# too much fruit juice causing diarrhea?



## windemere (Sep 25, 2011)

I had uti symptoms so i bought some cranberry lemonade. I drank a decent bit of it about 1 1/2 glasses and a few hours later at about 2 am i had very loose stool. Is it common for that to happen with juice? I rarely ever drink juice so i wasnt quite sure if this was a normal reaction.


----------



## Kathleen M. (Nov 16, 1999)

Cranberry and lemon usually don't tend to increase diarrhea, but what was that juice sweetened with.

Pear or apple juice as well as high fructose corn syrup can increase diarrhea and usually those juices need a lot of sweetener. So it may be the sweetener rather than the small amounts of cranberry or lemon juice in the mix.


----------



## rmiller1985 (Sep 13, 2011)

Hi windemere,

Sweetener was my first thought as well. Lemon and cranberry are both very, very tart, so there will be a lot of some sort of sweetener in any commercial product. High fructose corn syrup would not be good, and if it was a diet drink with any sugar alcohols it would probably be worse.

I wouldn't bother with cranberry lemonade for a UTI, hasn't the latest research shown that commercial cranberry "juice" drinks shown that they're not effective for UTIs? I'm not sure, I just seem to remember reading that at some point. (I put "juice" in quotes because straight cranberry juice, as opposed to the commercial cranberry juice drinks, is extremely tart, pretty much to the point of being undrinkable by most people.)

Cheers,

Rich


----------



## Kathleen M. (Nov 16, 1999)

Well even the "all juice"/"all natural" stuff generally uses sweeteners that are high in sugar alcohols like pear concentrate or apple juice so it doesn't have to be something artifically added. Even the natural stuff can do a number on you.

Although I guess the good news is if you figure it out and you ever need to get things moving you might have a go to item.


----------



## windemere (Sep 25, 2011)

It has grape juice in it as well. I just read that. And it does have high fructose...my gi doc diagnosed me with fructose malabsorption a couple years ago.

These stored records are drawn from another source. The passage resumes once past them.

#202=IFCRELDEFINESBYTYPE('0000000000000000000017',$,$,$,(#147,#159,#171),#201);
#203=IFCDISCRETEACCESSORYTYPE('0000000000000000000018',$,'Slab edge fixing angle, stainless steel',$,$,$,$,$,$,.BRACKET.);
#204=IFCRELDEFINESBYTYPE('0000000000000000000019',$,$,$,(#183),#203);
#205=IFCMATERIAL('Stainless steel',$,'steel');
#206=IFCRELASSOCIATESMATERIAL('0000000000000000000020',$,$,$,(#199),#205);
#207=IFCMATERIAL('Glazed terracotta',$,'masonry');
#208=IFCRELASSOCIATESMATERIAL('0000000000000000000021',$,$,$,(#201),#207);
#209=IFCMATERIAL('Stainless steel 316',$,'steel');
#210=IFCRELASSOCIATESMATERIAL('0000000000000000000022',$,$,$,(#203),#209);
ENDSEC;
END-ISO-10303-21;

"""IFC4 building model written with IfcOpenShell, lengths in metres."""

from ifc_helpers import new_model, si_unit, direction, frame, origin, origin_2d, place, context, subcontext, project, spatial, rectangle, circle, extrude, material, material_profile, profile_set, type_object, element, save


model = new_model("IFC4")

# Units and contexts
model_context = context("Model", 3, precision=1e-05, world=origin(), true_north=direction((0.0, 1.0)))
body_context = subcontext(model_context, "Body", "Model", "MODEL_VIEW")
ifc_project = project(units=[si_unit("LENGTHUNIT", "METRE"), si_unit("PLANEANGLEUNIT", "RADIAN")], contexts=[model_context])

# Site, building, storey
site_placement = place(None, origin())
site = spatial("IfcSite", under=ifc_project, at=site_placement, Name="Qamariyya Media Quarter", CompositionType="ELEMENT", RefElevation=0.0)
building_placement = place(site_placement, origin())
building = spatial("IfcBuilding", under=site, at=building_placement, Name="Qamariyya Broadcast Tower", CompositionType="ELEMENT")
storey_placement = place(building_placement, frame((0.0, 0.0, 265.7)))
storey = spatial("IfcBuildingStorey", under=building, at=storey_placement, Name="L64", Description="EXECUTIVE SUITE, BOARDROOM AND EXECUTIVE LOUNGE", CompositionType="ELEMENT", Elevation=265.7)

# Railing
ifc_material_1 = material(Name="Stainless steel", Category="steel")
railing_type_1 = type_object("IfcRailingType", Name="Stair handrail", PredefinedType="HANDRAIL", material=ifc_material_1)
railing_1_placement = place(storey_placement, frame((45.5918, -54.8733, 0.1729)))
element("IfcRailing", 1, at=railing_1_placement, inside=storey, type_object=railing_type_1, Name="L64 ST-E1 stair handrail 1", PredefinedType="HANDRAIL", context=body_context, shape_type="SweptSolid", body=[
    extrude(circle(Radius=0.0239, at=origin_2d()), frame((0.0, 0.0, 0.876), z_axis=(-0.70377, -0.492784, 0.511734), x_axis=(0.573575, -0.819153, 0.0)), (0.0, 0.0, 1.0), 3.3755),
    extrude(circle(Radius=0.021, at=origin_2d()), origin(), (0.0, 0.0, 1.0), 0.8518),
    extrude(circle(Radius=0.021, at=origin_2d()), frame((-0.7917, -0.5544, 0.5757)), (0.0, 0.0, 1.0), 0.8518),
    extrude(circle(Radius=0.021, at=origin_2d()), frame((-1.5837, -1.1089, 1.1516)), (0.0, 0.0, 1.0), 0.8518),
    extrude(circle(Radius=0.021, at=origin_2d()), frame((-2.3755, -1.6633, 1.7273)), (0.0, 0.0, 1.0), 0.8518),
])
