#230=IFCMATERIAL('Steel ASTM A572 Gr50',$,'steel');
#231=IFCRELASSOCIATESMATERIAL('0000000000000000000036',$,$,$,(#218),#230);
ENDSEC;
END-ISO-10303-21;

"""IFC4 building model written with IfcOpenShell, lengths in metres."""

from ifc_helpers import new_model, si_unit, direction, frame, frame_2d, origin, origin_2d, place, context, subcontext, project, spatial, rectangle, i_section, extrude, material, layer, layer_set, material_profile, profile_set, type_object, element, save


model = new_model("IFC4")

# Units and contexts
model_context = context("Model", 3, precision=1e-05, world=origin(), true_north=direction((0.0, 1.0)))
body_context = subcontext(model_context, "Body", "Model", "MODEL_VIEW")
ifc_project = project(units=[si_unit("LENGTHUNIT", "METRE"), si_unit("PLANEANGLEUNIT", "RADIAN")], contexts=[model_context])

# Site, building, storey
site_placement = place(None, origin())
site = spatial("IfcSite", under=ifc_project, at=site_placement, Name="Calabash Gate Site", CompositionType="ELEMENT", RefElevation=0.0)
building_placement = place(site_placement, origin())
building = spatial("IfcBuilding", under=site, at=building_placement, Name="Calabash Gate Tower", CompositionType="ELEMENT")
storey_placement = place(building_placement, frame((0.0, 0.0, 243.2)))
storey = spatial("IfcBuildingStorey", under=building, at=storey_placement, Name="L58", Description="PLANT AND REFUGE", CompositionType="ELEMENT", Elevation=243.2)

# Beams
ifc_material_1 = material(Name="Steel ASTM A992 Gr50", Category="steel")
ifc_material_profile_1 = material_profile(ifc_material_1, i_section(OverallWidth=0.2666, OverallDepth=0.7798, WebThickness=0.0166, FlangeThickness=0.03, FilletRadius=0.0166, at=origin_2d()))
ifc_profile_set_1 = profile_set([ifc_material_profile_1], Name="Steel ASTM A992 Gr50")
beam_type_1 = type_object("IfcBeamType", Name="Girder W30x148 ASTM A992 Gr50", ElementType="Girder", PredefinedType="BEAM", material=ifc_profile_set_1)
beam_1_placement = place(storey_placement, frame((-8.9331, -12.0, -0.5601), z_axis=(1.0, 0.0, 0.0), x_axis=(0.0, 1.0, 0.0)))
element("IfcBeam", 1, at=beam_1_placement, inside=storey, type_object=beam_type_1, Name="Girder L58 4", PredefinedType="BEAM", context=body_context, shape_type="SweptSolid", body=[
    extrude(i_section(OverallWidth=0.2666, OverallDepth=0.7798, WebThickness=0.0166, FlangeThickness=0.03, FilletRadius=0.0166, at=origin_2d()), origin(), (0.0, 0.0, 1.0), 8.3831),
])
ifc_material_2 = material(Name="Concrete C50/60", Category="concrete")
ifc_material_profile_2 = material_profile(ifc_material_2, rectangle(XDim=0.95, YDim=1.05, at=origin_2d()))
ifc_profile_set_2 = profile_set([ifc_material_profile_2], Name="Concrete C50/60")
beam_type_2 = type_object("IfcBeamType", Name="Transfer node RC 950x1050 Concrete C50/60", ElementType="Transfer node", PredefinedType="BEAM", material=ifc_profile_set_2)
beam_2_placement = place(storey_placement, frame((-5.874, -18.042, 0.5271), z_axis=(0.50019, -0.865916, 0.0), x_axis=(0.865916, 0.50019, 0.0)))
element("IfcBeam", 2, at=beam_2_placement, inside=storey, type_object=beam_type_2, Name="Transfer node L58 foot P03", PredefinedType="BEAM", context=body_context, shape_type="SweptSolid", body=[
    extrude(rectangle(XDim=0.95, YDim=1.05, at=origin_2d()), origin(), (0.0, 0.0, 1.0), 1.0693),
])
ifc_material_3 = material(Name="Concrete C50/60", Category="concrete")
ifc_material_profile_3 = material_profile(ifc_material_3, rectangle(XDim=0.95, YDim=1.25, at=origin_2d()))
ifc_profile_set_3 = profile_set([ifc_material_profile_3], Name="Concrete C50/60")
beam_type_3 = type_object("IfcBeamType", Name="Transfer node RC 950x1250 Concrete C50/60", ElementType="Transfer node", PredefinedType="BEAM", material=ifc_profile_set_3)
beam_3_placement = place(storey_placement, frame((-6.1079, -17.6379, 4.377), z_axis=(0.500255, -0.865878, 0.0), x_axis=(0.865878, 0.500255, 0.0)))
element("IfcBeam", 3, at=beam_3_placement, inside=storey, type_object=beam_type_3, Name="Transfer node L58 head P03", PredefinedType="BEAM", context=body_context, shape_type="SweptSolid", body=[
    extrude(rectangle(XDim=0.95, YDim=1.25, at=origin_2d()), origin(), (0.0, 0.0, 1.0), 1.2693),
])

Sometimes high fructose doesnt bother me...other times i think it does but am never sure if its the high fructose or an ibs flare.

Ive read conflicting information that cranberry is effective and that it isnt. I always drink it for uti's as well as tons of water. It may help, it may not. But it cant hurt so i still use it.


----------



## sanjeev (Nov 6, 2013)

I rarely ever drank cranberry juice...because every time I tried it...it irritated my bowels consistently.


----------



## Jimb (Jan 18, 2006)

I drink diluted apple juice.


----------



## windemere (Sep 25, 2011)

The only juice that i tolerate well is orange juice. I happened to find out that too much cranberry can cause diarrhea..so i guess ill take my cranberry supplements instead of drinking cranberry from now on.


----------



## LucasMoore (Dec 20, 2013)

Every mealtime should include a bright colorful fruit and/or vegetable dish. Different colors of fruits and vegetables provide different health benefits. Fresh produce is also packed with nutrients without being too high in calories. If you're eating a fruit or something like a potato, you should also eat the skin; it contains added nutrients.


----------



## Queensgirl52 (Mar 15, 2012)

I love cranberry juice and don't have a problem with it unless it's the light variety with artificial sweetener. My husband and I tried a new restaurant last month and I ordered a cocktail with cranberry juice. It was very sweet. I didn't think anything of it till I was hit with D a couple of hours later. It occurred to me then that there was artificial sweetener somewhere in the drink. I'll be sure in future to check on that before ordering.


----------



## legbuh (Jan 9, 2005)

Any fruit juice or artificial sweetener is going to cause issues with most IBS-d folks.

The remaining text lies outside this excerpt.